Upsert Vs Insert/Update

pravin1581 · Post by **pravin1581** » Tue Nov 20, 2007 5:15 pm

Hi All,

We are developing jobs where we need to insert/update the DB2 tables.Can you please tell me in terms of performance whether an upsert method is useful or insert and update in two different stages.

kcbland · Post by **kcbland** » Tue Nov 20, 2007 5:44 pm

Upsert is all DML (update else insert), whereas separating inserts from updates allow you to use enterprise/bulk loading at least for the inserts and then just DML for updates.

If you're really into performance, then enterprise/bulk loading updates into an ETL work table and command line executing a parallel DML statement for the updates put you at the fastest loading scheme.

rleishman · Post by **rleishman** » Tue Nov 20, 2007 8:28 pm

Even if you don't want to use the bulk loading capabilities of an Enterprise stage, there are still advantages to be had from separating your inserts and updates.

If you use an UPSERT with an array size of (say) 500 with Insert set to try first, then DS will attempt to insert all 500 rows in one statement. If just ONE of them fails, then the entire array fails, and DS has to pick it apart and run the inserts that would succeed followed by updates.

ie. The cost of the original INSERT and the ROLLBACK are wasted time.

If you know which rows already exist, you can improve performance by bypassing this failed INSERT.

pravin1581 · Post by **pravin1581** » Wed Nov 21, 2007 9:29 am

kcbland wrote:Upsert is all DML (update else insert), whereas separating inserts from updates allow you to use enterprise/bulk loading at least for the inserts and then just DML for updates.

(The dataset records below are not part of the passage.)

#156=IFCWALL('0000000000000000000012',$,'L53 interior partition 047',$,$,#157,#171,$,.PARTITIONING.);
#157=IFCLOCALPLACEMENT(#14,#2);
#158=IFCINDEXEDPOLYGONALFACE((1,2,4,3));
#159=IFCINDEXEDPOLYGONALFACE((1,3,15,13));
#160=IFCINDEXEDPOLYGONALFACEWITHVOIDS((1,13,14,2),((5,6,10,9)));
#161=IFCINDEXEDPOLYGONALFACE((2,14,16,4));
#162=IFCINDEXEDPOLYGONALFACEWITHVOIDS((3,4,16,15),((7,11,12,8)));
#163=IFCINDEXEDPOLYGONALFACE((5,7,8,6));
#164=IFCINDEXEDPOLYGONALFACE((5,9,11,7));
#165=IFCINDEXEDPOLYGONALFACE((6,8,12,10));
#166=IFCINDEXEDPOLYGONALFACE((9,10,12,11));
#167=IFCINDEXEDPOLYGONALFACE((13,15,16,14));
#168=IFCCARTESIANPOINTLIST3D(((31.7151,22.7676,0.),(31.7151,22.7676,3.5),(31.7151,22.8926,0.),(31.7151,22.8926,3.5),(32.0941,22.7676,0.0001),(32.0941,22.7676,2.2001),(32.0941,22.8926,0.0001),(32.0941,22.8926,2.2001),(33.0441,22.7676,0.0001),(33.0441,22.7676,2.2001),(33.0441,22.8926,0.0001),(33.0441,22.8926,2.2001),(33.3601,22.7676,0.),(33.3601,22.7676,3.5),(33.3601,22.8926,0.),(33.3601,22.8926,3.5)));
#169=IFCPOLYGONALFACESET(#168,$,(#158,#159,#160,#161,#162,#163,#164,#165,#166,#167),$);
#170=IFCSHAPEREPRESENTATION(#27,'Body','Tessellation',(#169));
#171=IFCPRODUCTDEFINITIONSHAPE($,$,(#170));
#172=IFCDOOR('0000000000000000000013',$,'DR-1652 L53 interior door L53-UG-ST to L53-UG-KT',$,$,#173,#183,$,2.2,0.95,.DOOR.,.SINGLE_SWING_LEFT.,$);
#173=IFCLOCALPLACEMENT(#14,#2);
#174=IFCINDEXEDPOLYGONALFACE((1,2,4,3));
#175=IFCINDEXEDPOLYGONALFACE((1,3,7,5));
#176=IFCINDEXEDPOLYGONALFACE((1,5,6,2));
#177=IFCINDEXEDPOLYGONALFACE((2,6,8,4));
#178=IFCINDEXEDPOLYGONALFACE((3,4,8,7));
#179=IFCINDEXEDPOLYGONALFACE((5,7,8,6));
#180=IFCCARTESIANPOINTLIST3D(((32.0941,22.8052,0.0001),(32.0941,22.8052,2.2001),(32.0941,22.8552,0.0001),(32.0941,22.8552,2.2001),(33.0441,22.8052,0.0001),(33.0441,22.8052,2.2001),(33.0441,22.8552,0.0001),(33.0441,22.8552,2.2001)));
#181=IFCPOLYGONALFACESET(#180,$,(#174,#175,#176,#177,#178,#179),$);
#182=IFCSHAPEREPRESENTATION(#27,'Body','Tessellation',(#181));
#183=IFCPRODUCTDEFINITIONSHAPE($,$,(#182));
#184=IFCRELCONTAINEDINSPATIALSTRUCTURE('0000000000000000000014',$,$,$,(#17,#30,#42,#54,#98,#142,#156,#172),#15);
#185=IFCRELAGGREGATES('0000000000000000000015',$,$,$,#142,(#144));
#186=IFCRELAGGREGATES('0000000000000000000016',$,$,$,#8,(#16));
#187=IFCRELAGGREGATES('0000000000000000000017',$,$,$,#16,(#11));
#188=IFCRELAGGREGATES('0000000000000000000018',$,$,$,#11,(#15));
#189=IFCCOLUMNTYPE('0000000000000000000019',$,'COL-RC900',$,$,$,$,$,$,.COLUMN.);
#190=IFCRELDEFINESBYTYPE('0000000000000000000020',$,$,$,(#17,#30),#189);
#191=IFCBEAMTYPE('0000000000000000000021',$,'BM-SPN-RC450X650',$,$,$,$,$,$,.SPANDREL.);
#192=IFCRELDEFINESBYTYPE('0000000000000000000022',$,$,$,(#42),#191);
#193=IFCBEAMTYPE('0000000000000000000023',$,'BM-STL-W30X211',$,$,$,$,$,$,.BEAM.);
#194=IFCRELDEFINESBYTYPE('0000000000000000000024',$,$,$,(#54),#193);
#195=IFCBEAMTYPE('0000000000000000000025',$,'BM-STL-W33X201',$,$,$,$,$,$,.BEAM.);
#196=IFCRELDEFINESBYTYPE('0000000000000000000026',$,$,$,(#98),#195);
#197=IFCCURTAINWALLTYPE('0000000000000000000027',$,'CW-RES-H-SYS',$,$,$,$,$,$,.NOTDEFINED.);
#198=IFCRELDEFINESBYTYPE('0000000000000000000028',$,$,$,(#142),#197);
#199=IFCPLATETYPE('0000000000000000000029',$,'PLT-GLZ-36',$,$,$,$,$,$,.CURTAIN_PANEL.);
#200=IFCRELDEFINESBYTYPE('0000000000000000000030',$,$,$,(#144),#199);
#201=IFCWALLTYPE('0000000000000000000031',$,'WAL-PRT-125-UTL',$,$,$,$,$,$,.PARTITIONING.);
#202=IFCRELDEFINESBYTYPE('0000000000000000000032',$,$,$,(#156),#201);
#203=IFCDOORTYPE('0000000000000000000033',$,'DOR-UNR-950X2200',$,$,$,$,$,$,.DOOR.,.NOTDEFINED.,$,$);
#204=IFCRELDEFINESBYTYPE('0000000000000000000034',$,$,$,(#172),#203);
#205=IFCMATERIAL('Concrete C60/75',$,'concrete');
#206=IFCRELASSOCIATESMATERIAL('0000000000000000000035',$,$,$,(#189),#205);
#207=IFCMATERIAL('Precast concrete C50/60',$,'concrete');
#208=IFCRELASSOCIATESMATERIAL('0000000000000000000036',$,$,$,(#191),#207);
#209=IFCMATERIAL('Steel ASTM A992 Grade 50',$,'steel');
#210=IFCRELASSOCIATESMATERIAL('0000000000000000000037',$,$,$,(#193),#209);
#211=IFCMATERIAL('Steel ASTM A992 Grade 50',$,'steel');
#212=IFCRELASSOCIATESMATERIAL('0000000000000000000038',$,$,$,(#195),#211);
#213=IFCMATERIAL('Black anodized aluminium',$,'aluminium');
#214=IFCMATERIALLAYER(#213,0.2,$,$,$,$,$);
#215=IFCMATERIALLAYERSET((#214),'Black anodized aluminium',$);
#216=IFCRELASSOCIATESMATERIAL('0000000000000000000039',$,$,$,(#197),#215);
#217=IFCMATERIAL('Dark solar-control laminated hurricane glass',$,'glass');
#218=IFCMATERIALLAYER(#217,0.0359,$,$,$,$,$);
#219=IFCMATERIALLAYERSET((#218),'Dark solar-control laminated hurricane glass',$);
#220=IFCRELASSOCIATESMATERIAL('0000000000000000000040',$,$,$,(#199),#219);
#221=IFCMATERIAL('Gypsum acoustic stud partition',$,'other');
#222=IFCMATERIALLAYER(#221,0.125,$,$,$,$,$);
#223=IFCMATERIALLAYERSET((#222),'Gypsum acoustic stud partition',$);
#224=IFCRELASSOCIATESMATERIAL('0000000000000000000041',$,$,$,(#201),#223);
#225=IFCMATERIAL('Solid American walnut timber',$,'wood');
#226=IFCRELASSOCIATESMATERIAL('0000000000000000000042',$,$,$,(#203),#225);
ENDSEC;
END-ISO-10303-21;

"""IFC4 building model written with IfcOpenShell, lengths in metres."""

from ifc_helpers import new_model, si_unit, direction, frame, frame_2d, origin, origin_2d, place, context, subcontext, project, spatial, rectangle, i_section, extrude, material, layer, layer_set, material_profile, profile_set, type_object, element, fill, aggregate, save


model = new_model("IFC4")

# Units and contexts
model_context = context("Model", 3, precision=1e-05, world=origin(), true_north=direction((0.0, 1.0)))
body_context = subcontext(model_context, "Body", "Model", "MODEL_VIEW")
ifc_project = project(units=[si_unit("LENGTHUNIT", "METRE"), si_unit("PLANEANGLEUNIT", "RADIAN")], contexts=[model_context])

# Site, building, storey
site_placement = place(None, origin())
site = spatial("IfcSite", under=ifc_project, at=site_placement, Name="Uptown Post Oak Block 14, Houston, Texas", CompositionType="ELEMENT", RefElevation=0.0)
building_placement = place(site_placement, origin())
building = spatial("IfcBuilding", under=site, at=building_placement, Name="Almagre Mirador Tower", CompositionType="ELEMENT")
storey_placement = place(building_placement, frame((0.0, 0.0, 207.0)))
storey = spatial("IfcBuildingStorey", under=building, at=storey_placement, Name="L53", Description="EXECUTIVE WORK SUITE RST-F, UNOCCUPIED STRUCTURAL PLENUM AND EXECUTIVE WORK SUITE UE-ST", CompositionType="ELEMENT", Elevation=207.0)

If you're really into performance, then enterprise/bulk loading updates into an ETL work table and command line executing a parallel DML statement for the updates put you at the fastest loading scheme.

A simple insert gives me bulk loading facility.According to your suggestion it is better if we keep it in two separate stages.

pravin1581 · Post by **pravin1581** » Wed Nov 21, 2007 9:32 am

rleishman wrote:Even if you don't want to use the bulk loading capabilities of an Enterprise stage, there are still advantages to be had from separating your inserts and updates.

If you use an UPSERT with an array size of (say) 500 with Insert set to try first, then DS will attempt to insert all 500 rows in one statement. If just ONE of them fails, then the entire array fails, and DS has to pick it apart and run the inserts that would succeed followed by updates.

ie. The cost of the original INSERT and the ROLLBACK are wasted time.

If you know which rows already exist, you can improve performance by bypassing this failed INSERT.

Can you please elaborate your answer , sorry I didn't get you.

kcbland · Post by **kcbland** » Wed Nov 21, 2007 2:33 pm

If your dataset has rows that have to be handled as inserts and other rows that have to be handled as updates, you cannot BULK INSERT. You must separate the updates and use DML.

I assume you're trying to load as fast as possible. So, bulk loading inserts is the fastest method for inserts.

For updates, you can have a DS process read rows from a file and stream them to the database with a DML cursor , or, you can do a faster approach. Bulk loading the updates into a work table is faster than streaming them into a cursor. Parallel DML updating from the work table to the target table is faster than single thread DML updating from a cursor.

rleishman · Post by **rleishman** » Wed Nov 21, 2007 3:51 pm

pravin1581 wrote: Can you please elaborate your answer , sorry I didn't get you.

There's more on upserts in thisthread

kcbland · Post by **kcbland** » Wed Nov 21, 2007 5:30 pm

I just added that thread to my Favorites. That was great information.

pravin1581 · Post by **pravin1581** » Mon Nov 26, 2007 2:13 pm

kcbland wrote:I just added that thread to my Favorites. That was great information.

Can anyone help me out on this .

ray.wurlod · Post by **ray.wurlod** » Mon Nov 26, 2007 2:24 pm

They already have. This thread and the one referred to have excellent, best practice advice.

Separate your inserts from your updates.